= Richard A. Thulborn =

British paleontologist

Richard Anthony (Tony) Thulborn (1940–2025) was a British-born Australian paleontologist known for his pioneering research on dinosaur tracks and the palaeobiology of prehistoric vertebrates. He is recognized as one of the most productive paleontologists of his time and a leading expert in vertebrate ichnology.

==Career==

In 1976, Thulborn joined Dr Mary Wade and a team of volunteers to excavate the Lark Quarry dinosaur tracksite, located near Winton, Queensland. Their work uncovered what remains the world’s only known evidence of a dinosaur stampede, published in 1984, which captivated scientists and the public alike. He later critically reassessed these findings in Lark Quarry Revisited (2013), demonstrating rigorous methods in ichnological interpretation. His work helped secure the site’s inclusion on the Australian National Heritage List in 2004, ensuring its preservation for research and public education.

In 1982, Thulborn debunked the purported plesiosaur embryos discovered by Harry Govier Seeley. Thulborn concluded that Seeley's supposed embryos were actually nodules of mudstone and shale derived from sediments that once filled in a crustacean burrow system and were not even animal body fossils.

Thulborn’s research also included dinosaur locomotion, thermoregulation, tooth wear, jaw action, reproduction, and palaeobiology across diverse taxa. He investigated the evolutionary relationships of birds and theropods, including studies on Archaeopteryx, digit homology, and flight mechanics.

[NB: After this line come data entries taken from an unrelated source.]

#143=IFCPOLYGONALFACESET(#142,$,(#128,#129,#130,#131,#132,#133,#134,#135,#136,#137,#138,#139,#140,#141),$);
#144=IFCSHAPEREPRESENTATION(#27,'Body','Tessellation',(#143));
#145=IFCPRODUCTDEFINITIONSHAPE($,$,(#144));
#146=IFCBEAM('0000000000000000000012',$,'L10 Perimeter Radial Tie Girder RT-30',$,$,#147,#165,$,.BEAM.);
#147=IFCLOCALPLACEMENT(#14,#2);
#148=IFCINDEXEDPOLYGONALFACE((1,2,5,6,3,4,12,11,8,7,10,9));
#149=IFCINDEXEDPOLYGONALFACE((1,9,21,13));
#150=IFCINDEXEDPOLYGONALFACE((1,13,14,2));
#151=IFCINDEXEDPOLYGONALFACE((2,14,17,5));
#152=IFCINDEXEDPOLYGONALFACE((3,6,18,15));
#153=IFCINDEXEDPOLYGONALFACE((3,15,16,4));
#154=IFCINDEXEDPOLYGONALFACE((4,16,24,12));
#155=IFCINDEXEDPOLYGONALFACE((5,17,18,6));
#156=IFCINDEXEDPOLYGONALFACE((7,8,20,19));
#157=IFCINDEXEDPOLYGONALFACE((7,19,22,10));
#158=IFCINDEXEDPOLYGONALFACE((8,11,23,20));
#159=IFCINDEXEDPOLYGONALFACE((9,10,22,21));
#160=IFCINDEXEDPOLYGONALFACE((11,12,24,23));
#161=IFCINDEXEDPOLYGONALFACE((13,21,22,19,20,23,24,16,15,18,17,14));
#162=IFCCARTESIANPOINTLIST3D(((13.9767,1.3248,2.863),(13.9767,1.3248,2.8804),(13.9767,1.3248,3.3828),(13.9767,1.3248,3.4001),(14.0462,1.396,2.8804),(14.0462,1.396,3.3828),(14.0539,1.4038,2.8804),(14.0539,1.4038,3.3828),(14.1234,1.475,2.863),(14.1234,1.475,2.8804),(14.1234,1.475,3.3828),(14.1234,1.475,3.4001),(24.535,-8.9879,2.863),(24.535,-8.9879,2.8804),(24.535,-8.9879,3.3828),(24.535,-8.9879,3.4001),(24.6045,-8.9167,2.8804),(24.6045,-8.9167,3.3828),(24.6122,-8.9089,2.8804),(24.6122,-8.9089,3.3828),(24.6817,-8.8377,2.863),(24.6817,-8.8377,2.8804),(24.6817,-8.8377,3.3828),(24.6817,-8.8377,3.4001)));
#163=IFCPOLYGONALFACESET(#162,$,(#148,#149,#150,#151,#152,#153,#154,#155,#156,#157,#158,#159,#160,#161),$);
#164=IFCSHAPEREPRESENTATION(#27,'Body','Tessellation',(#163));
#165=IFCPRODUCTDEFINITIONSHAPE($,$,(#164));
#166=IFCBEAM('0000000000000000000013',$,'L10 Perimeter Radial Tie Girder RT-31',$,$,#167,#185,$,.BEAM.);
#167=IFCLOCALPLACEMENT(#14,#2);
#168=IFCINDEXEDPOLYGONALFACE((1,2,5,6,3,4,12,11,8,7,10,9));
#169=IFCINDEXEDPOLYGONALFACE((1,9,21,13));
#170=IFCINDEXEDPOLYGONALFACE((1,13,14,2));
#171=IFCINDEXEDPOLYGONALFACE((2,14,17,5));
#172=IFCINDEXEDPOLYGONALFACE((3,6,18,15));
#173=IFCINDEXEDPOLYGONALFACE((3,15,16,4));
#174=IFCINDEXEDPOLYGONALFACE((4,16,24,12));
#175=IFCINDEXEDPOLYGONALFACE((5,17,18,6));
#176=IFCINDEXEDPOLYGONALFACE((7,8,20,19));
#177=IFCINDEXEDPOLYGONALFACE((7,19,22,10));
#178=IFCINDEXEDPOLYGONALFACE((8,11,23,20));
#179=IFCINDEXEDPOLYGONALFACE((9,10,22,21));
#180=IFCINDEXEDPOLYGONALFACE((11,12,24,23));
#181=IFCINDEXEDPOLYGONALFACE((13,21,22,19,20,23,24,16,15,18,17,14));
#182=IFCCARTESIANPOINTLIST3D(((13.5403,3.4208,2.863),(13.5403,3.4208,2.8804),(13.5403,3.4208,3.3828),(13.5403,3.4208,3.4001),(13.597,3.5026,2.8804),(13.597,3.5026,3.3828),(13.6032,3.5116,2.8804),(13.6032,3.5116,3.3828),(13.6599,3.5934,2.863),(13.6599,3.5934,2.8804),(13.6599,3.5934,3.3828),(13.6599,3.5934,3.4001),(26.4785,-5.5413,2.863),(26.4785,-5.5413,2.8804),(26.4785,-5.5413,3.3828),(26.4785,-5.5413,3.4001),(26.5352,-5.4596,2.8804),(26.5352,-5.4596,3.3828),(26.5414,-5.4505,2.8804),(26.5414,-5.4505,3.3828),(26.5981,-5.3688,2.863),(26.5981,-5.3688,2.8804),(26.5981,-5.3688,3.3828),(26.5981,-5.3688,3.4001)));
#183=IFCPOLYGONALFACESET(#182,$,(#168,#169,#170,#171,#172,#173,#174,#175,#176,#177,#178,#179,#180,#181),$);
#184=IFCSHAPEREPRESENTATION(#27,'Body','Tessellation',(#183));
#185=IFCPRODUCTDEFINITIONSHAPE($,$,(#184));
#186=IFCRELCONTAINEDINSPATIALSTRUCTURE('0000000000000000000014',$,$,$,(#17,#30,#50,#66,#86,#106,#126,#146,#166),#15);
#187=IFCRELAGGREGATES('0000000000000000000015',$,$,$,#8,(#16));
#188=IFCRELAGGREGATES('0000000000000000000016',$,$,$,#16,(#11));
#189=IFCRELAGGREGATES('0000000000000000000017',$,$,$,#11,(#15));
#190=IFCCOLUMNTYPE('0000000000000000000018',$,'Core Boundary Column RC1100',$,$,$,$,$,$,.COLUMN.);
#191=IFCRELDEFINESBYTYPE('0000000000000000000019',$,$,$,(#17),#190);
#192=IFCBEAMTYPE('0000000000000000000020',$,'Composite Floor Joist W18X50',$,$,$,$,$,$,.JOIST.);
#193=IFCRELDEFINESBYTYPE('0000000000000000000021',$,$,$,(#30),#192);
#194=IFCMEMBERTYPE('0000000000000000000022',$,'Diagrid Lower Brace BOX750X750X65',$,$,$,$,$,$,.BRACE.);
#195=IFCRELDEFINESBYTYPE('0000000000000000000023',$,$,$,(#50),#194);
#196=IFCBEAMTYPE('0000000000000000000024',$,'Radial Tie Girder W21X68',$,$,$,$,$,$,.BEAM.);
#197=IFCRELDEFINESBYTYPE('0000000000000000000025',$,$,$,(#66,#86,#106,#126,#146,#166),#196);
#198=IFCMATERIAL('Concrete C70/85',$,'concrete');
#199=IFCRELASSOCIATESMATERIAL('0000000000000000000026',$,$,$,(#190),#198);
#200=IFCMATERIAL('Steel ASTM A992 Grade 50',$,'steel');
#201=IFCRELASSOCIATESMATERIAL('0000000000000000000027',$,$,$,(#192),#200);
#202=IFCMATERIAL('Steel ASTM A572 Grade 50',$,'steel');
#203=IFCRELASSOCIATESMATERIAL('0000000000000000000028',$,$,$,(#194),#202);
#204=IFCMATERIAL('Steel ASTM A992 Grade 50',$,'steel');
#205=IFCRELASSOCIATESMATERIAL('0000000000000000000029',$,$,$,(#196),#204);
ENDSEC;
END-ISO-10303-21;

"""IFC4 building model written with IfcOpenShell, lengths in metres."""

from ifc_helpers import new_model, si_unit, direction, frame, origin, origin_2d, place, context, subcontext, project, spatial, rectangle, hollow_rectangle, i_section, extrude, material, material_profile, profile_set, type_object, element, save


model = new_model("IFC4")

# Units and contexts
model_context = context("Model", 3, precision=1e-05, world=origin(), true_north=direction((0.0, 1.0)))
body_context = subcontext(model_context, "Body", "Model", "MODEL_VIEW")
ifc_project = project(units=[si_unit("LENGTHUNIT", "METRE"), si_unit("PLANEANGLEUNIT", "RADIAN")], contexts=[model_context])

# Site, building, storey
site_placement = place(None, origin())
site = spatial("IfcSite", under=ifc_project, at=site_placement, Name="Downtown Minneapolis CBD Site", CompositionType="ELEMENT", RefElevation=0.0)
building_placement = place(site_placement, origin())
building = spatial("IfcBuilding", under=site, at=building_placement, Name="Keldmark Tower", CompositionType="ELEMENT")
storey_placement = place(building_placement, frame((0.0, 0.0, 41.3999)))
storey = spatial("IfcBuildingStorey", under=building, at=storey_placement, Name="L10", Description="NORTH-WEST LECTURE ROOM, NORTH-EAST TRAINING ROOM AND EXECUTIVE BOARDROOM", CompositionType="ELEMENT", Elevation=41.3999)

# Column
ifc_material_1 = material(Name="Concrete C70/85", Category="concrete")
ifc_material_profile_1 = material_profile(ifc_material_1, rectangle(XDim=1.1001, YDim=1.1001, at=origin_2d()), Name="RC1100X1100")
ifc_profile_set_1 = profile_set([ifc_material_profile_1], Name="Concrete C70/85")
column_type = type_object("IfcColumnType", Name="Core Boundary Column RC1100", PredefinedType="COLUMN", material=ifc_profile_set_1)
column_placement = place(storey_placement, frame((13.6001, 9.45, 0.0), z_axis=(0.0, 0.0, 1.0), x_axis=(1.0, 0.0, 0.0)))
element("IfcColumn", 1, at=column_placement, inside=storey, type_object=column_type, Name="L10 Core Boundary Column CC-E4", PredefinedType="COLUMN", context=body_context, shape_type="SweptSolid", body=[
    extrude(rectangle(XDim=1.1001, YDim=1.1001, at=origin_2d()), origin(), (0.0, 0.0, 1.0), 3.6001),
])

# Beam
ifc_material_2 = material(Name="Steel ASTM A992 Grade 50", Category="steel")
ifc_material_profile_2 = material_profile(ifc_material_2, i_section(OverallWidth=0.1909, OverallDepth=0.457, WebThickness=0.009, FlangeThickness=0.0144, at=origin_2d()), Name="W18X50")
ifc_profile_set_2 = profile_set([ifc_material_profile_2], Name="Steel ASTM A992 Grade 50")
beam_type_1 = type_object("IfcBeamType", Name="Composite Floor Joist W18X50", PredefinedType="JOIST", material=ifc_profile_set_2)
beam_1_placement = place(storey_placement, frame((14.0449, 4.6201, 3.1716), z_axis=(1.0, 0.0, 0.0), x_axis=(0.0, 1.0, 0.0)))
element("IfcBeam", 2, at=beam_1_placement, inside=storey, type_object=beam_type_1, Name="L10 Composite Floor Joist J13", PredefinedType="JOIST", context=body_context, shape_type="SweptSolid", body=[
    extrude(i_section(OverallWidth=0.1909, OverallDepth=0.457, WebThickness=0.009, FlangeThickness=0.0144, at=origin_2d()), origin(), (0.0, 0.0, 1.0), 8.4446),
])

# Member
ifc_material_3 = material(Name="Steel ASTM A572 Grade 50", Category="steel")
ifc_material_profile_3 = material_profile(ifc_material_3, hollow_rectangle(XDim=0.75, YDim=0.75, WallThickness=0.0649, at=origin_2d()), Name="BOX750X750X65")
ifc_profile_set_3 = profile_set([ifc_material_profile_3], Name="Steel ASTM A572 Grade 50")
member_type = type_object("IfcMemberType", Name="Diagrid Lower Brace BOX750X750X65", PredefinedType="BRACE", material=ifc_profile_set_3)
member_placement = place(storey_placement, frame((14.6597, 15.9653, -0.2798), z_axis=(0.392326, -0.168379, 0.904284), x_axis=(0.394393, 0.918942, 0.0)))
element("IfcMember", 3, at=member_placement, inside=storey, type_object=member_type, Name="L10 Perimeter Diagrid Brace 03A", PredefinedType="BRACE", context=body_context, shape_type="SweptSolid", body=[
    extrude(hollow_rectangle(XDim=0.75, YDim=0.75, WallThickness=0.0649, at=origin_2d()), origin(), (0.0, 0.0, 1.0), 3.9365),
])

Thulborn also made important contributions to understanding Australia’s prehistoric vertebrate diversity, including mammal-like reptiles, dicynodonts, Triassic vertebrate faunas, plesiosaurs, and coprolites. His critical approach and publications influenced both Australian and international palaeontology.

==Honours==

Thulborn was instrumental in securing recognition for Australia’s fossil heritage. He was widely respected for his scholarship and mentorship.

==Death==

Richard Anthony Thulborn died on 22 July 2025, aged 81.

==Selected publications==

Thulborn, R.A., & Wade, M. (1984). Dinosaur trackways in the Winton Formation (Mid-Cretaceous) of Queensland. Memoirs of the Queensland Museum, 21, 123–141.

Thulborn, R.A. (1984). Preferred gaits of bipedal dinosaurs. Historical Biology, 2(1), 17–32.

Thulborn, R.A. (1990). Dinosaur Tracks. Chapman & Hall.

Thulborn, R.A. (2007). Dinosaur Stampede in the Cretaceous of Queensland. Historical Biology, 19(1), 95–106.

Thulborn, R.A. (2013). Lark Quarry revisited: a critique of methods used to identify a large dinosaurian track-maker, Winton Formation. Historical Biology, 25, 203–219.

Thulborn, R.A. (2009). Tooth wear and jaw action in the Triassic ornithischian dinosaur Fabrosaurus. Historical Biology, 21, 19–33.

Thulborn, R.A. (2008). The avian relationships of Archaeopteryx, and the origin of birds. Journal of Vertebrate Paleontology, 28, 1–16.

Thulborn, R.A., & Turner, S. (2003). The last dicynodont: an Australian Cretaceous relict. Palaeontology, 46, 1–14.

Thulborn, R.A. (1973). Thermoregulation in dinosaurs. Lethaia, 6, 225–230.